Opinion
Department One
Appeal from an order of the Superior Court of Alameda County granting a new trial. John Ellsworth, Judge.
COUNSEL:
W. F. Fitzgerald, Attorney General, Charles H. Jackson, Deputy Attorney General, and Charles E. Snook, District Attorney, for Appellant.
W. F. Aram, for Respondent.
JUDGES: Garoutte, J. Van Fleet, J., and Harrison, J., concurred.
OPINION
GAROUTTE, Judge
[41 P. 1028] The defendant was convicted of the crime of sodomy, and his motion for a new trial was subsequently granted. The motion was granted upon the ground that the trial court committed error in not instructing the jury, at the request of the defendant, that, under the evidence, he might be convicted of a simple assault. There is some question made by defendant's counsel that the information charged specifically the offense of assault, in addition to the felony, but, in the absence of a special demurrer upon that ground, we think the matter of little importance.

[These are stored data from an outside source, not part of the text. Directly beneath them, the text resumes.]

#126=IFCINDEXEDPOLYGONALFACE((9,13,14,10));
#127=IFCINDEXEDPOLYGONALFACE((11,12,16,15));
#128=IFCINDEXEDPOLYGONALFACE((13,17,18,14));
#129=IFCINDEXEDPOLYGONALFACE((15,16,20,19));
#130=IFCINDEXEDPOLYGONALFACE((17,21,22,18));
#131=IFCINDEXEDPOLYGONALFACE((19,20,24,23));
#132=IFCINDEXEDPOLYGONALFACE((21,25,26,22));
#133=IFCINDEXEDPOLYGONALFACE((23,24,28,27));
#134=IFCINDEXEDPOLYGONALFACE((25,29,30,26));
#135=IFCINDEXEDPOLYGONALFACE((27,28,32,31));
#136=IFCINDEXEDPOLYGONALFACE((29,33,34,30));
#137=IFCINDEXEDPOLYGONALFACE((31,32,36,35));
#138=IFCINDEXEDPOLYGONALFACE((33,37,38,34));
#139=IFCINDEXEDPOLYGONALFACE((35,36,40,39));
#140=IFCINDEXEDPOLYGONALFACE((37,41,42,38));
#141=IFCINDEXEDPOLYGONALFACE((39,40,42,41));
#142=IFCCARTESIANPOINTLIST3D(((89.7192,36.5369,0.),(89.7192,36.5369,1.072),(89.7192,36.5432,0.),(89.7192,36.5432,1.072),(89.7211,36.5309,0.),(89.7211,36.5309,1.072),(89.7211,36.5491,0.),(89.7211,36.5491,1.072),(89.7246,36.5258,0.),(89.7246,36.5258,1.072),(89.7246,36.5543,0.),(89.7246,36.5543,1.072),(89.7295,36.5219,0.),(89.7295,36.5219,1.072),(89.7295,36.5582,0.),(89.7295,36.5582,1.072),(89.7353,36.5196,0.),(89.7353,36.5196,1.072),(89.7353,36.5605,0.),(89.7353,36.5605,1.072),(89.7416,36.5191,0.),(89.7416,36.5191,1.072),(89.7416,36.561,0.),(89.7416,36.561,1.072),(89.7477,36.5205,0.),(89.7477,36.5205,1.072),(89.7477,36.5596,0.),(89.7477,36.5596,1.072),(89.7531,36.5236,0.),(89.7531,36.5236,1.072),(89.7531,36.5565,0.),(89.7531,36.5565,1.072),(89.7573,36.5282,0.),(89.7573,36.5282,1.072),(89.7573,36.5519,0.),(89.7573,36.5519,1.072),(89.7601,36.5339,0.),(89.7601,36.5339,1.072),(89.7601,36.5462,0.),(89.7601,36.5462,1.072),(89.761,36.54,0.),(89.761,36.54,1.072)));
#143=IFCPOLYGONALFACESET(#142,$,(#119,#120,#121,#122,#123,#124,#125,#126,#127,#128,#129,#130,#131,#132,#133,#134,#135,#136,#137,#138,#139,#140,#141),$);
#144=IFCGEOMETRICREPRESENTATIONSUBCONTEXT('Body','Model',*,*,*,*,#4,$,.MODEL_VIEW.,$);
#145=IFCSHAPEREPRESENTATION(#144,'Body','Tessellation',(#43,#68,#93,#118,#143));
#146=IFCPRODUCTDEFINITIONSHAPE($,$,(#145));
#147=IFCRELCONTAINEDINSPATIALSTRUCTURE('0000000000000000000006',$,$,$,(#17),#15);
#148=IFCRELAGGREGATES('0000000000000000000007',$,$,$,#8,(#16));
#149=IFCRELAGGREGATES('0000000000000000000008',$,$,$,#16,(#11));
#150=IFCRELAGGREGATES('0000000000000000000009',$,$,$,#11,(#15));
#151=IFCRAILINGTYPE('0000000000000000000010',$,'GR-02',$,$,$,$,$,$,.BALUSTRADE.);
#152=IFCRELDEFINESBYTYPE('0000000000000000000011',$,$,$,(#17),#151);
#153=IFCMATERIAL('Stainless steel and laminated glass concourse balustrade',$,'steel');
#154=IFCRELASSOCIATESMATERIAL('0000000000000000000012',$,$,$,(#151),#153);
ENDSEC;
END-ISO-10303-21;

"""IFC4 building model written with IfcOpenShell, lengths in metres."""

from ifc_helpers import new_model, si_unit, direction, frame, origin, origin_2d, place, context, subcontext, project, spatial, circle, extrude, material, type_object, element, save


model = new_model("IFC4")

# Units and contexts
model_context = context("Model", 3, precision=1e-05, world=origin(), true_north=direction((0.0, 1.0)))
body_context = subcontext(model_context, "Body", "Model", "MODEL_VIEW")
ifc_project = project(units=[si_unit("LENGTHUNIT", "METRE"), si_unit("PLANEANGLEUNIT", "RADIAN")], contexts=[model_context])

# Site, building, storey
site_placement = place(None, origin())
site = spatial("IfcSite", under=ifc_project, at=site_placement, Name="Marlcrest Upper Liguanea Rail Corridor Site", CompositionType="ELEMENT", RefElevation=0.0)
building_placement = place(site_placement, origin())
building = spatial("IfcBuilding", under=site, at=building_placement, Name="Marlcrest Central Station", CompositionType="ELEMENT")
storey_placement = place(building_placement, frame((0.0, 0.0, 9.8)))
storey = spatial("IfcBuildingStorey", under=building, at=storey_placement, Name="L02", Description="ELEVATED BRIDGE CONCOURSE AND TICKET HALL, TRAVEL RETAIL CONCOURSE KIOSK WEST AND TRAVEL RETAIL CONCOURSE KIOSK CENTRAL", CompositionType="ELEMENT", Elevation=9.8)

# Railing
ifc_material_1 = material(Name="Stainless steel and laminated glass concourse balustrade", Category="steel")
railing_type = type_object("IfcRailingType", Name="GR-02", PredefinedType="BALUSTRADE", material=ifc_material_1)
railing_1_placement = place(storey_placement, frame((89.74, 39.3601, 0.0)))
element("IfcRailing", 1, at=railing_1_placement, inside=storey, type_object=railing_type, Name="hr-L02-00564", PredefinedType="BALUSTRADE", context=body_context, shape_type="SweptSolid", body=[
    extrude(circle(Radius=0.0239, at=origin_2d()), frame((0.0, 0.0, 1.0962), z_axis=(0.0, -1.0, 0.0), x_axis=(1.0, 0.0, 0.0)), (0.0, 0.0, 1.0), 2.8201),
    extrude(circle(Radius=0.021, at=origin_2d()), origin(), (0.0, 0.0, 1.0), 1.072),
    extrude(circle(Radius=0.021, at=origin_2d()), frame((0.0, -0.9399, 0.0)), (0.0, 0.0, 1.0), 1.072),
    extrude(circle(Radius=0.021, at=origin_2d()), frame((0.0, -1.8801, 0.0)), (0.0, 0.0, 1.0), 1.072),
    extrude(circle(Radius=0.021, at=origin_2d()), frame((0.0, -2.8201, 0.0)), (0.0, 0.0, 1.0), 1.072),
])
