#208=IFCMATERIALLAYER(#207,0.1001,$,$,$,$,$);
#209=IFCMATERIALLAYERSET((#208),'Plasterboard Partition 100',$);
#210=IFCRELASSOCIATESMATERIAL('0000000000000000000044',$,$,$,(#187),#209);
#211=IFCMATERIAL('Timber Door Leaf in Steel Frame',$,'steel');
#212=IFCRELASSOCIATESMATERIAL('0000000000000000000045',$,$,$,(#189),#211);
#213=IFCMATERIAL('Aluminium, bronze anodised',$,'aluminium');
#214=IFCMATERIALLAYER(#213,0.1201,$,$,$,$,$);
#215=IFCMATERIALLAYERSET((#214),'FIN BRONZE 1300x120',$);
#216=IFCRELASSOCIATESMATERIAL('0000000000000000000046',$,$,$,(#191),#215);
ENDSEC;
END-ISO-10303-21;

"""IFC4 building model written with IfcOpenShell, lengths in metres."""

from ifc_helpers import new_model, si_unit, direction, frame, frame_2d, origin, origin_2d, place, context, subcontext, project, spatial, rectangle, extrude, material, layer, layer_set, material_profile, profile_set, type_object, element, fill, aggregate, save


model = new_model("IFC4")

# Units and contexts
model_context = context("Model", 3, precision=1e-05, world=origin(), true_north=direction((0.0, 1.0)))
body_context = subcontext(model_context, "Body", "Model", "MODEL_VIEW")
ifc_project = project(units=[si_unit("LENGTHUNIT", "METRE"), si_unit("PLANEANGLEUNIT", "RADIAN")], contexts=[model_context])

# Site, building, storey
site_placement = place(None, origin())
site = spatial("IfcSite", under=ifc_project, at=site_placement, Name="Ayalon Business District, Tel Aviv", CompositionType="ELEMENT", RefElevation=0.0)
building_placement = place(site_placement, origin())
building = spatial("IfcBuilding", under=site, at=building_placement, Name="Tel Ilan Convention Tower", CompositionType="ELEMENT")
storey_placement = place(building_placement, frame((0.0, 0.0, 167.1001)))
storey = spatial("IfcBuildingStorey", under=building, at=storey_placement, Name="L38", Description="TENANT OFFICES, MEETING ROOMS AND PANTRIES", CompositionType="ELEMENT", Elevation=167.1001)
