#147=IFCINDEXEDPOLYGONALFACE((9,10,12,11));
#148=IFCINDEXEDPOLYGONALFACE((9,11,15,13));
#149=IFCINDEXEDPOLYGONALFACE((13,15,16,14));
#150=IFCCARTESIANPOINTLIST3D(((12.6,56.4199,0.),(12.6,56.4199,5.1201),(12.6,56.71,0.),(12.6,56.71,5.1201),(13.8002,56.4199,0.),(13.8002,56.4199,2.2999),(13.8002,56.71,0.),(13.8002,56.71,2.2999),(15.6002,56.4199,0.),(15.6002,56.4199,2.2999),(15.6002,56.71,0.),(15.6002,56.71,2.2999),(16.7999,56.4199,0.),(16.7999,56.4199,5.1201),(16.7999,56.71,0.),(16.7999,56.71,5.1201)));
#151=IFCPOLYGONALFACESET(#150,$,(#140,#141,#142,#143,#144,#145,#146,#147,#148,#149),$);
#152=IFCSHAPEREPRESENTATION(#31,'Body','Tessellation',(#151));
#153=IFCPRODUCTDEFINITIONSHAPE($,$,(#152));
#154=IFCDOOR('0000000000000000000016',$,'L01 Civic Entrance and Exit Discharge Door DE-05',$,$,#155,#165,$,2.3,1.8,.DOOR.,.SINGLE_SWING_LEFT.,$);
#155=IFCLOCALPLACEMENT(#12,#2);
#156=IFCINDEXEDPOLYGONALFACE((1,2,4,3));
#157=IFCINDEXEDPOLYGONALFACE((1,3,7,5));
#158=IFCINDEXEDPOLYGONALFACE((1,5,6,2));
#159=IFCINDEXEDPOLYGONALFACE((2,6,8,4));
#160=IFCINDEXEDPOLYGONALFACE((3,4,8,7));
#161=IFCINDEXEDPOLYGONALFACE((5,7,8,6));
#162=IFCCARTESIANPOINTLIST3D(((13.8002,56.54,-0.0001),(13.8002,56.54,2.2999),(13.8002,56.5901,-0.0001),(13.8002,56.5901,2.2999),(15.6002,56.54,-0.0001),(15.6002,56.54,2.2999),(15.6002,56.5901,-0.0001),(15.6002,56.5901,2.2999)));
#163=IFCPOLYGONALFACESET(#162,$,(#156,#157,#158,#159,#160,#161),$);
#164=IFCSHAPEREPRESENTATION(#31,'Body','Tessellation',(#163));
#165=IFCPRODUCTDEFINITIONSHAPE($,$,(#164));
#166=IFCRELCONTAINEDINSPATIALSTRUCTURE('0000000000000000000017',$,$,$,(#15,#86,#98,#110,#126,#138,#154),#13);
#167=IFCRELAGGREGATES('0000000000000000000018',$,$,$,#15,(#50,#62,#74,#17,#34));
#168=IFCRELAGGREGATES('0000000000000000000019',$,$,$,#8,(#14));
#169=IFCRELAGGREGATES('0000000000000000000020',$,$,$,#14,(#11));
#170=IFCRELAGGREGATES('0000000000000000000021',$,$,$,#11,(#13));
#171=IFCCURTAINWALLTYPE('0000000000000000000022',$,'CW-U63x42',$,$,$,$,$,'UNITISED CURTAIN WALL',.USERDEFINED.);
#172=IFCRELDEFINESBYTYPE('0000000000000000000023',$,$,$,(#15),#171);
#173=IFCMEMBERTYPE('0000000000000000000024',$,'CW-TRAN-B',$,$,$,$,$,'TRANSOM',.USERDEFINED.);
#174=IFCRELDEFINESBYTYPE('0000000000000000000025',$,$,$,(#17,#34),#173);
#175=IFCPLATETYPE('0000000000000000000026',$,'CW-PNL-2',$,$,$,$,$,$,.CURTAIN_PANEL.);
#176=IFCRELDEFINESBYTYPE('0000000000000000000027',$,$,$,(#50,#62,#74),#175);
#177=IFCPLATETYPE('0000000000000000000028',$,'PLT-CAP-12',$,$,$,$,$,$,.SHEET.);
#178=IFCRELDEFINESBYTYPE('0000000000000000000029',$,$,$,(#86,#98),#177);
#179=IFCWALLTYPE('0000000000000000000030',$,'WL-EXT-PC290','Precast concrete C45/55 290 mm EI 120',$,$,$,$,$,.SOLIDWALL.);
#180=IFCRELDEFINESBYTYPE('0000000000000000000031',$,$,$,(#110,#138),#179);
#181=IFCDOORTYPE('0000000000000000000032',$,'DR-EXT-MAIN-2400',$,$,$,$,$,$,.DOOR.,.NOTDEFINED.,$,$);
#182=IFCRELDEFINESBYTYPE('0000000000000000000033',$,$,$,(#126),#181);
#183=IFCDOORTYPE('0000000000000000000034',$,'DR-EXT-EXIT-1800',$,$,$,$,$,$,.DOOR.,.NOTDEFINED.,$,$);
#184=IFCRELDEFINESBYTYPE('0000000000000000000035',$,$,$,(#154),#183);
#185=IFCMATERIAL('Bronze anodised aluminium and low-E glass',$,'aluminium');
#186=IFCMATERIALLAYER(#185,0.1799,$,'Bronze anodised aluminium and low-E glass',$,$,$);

The offense of simple assault may or may not be an element in the felony designated as sodomy. It is not an element of the offense where the crime is not committed with or upon a human being; and, secondly, it is not an element in the offense where the act is done or attempted with the consent of the other party. It therefore follows that in many cases the trial court is justified in refusing to instruct the jury as was here requested. This case is not one coming within the first class stated, and, as to the evidence of consent, we think it may well have been submitted to the jury as a question of fact. It is further argued that the evidence discloses either a commission of the felony, or establishes that the defendant is wholly innocent. Possibly the evidence might support such conclusion if the prosecution had confined itself to facts occurring at a single time; but, for reasons not here perceptible, evidence was introduced as to circumstances of guilt arising upon two different occasions, and upon different days. The evidence failed to disclose the commission of a felony upon one of these occasions at least, but possibly disclosed a simple assault. By reason of these facts the principle of law presented is enveloped in some confusion. But section 220 of the Penal Code in terms recognizes the offense of assault with intent to commit the crime here charged, and a simple assault is a necessary element in the offense named in said section 220. From all the facts here disclosed we conclude the question of consent was an open one, which should have been presented to the jury; and, also, that the case was such that the question of assault likewise should have been submitted to the jury.
For these reasons the order is affirmed.